Characteristic of the elevated levees and the higher levels of the plains are groves of fan-palms, Borassus aethiopum and Hyphaene petersiana, the former with a characteristic swelling on the trunk. Termite mounds on sandy floodplains frequently have the wild date-palm Phoenix reclinata.
Termite Mounds
Most woodlands and many dambos have large termite mounds, which are frequently covered with dense woody vegetation. As a general rule the plants growing on these mounds are forest species of trees and climbers, but the variety of termite mound vegetation is enormous in these raised areas of richer soils. What is nearly always apparent is that it is very different from the surrounding vegetation. Yet there are exceptions even to this rule.
There are large tracts of miombo woodland on the plateaux which lack termite mounds. The most extensive areas are the Kalahari Sands where the soils simply have not enough clay to support stable mounds. In many rocky areas, and on steep slopes, where the soil depth is limited, termite mounds are generally absent. Mounds are most consistently found at the dambo margins where the optimal conditions of drainage and an abundance of suitable clay exist.

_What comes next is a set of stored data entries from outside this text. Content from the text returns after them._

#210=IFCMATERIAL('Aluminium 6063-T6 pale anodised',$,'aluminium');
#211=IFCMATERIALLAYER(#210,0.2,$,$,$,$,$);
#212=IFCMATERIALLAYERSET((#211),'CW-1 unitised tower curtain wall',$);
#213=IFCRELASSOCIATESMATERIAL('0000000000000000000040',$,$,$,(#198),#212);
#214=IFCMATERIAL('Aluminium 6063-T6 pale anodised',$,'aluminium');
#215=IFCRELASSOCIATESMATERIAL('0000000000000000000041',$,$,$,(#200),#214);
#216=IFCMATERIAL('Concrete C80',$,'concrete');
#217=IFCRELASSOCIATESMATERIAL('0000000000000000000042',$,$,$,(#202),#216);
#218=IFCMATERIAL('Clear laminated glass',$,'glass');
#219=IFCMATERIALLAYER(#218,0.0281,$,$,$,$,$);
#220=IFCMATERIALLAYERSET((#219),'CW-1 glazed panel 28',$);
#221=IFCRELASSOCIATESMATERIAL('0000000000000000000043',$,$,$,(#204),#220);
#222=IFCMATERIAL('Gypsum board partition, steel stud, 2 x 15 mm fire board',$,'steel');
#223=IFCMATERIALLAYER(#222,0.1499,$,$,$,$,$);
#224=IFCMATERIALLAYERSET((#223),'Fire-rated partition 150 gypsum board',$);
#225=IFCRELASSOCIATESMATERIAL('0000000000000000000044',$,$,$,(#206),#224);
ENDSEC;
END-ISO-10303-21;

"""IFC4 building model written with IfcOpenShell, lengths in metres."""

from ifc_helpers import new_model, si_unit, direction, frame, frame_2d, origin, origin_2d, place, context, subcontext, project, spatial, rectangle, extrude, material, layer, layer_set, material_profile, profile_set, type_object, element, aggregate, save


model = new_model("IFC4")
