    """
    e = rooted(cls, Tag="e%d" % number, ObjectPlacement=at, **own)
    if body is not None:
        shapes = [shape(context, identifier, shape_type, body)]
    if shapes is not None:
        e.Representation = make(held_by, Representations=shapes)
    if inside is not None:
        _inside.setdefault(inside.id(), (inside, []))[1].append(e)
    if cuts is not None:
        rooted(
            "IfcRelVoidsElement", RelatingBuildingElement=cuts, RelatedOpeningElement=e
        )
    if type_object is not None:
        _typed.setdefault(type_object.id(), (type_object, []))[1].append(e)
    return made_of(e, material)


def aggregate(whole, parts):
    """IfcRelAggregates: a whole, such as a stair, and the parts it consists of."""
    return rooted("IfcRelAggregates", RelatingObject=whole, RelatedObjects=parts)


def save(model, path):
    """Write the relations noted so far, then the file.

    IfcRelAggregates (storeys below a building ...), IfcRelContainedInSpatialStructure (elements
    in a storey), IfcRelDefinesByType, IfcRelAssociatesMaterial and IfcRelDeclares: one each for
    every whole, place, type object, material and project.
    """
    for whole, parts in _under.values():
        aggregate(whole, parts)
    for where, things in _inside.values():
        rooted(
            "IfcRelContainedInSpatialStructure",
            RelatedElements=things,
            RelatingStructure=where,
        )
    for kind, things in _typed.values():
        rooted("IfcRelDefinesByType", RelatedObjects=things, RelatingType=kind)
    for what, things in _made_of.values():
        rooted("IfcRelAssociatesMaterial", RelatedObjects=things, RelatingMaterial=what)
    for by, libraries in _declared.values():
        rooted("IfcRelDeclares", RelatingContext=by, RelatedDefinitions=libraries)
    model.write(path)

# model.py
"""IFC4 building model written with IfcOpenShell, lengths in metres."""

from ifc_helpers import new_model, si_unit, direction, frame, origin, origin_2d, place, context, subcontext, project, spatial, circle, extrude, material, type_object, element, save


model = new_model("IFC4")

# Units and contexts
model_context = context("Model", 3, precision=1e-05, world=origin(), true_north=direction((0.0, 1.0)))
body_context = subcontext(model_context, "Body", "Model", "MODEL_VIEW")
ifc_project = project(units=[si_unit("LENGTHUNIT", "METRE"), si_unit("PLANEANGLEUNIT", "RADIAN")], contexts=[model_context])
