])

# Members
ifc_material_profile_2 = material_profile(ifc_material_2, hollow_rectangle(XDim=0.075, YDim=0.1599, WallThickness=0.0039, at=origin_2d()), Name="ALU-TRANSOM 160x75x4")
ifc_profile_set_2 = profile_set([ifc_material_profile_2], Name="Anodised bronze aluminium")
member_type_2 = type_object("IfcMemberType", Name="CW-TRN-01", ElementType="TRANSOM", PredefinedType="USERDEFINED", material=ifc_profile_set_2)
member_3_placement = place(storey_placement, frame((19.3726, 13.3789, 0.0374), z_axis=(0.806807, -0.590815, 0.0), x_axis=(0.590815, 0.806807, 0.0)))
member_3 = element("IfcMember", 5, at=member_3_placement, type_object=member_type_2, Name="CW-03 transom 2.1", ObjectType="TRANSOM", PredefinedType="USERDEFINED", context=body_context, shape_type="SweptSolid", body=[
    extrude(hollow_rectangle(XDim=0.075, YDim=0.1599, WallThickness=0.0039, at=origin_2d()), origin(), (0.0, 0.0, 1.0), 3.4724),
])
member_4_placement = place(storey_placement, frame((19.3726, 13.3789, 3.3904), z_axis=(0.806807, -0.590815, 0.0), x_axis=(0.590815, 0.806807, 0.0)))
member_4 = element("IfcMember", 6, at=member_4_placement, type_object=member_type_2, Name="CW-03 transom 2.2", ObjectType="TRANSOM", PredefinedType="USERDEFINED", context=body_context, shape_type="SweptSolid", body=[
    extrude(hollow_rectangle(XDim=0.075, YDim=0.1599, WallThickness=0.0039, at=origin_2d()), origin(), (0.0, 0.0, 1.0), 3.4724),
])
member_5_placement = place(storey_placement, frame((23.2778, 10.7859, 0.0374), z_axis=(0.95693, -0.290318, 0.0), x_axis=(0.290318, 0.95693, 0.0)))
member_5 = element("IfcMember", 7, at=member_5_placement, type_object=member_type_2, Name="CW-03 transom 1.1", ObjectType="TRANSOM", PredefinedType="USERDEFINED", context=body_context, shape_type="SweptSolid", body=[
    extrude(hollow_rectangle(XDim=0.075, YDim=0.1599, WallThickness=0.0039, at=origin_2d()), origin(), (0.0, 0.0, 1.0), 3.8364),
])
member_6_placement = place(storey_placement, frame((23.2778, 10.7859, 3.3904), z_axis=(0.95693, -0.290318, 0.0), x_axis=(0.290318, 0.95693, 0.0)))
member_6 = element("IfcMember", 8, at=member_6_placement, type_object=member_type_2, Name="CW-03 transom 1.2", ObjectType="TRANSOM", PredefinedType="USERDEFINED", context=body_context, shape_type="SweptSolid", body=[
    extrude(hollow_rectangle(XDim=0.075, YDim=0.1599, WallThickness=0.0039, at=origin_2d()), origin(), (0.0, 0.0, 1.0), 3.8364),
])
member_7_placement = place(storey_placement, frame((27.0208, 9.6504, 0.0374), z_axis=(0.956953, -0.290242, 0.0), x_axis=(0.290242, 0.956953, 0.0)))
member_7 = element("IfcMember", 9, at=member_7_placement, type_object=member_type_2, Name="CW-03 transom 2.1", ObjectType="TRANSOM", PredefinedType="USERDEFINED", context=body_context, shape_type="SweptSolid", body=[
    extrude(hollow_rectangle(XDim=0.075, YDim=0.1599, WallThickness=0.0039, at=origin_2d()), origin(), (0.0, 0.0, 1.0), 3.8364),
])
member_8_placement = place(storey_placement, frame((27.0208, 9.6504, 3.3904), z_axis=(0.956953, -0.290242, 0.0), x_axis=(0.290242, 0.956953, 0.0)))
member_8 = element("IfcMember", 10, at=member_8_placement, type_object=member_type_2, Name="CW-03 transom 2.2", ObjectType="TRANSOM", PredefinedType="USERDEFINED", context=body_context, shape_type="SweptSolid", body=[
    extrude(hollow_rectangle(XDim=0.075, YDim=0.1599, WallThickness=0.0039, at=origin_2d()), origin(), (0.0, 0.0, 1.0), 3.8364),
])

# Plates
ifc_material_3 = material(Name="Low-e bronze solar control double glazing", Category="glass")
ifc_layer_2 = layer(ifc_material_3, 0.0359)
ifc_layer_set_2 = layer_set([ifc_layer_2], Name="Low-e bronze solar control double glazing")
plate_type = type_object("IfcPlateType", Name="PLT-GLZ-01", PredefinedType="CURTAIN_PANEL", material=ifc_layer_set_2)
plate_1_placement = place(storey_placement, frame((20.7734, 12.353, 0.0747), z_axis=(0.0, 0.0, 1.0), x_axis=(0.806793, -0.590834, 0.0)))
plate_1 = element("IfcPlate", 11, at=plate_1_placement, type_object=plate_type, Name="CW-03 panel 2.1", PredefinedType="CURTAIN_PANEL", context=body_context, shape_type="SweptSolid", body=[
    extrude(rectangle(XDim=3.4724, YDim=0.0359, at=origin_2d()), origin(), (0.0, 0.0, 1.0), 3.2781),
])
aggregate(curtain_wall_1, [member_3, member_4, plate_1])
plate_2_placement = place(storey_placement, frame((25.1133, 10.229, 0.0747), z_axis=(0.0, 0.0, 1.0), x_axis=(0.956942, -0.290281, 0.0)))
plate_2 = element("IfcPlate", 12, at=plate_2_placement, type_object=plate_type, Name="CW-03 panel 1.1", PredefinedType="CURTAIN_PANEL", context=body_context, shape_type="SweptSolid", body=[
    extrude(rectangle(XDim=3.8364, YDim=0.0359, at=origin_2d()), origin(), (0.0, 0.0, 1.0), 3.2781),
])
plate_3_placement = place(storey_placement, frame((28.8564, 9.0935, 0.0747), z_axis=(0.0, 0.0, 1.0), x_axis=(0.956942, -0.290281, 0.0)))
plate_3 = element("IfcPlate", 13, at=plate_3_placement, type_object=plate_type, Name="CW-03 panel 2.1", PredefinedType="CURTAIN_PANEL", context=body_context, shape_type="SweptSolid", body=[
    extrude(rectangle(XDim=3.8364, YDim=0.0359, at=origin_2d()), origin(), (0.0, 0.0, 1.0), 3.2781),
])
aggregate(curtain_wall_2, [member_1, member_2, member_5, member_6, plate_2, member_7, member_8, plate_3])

Termite mounds undoubtedly have long lifespans, measured in centuries. Old trees associated with mounds suggest this, and archaeological evidence confirms it.
Some species are highly adapted to termite mounds, such as the large succulent tree Euphorbia ingens, which superficially resembles some of the New World cacti, but is in fact unrelated. Other trees, notably the Proteas, are never to be found either on or even near termite mounds.
Termite mounds accumulate mineral salts. They are frequently rich in lime even when the surrounding soils are deficient. This accounts for the preponderance of lime tolerating plants on mounds. In some areas mounds are rich in salt, and these attract animals which eat the soil. Even well-fed cattle on commercial ranches cannot resist salty termite mounds, eating away the soil to form a grotto and eventually demolishing the whole mound.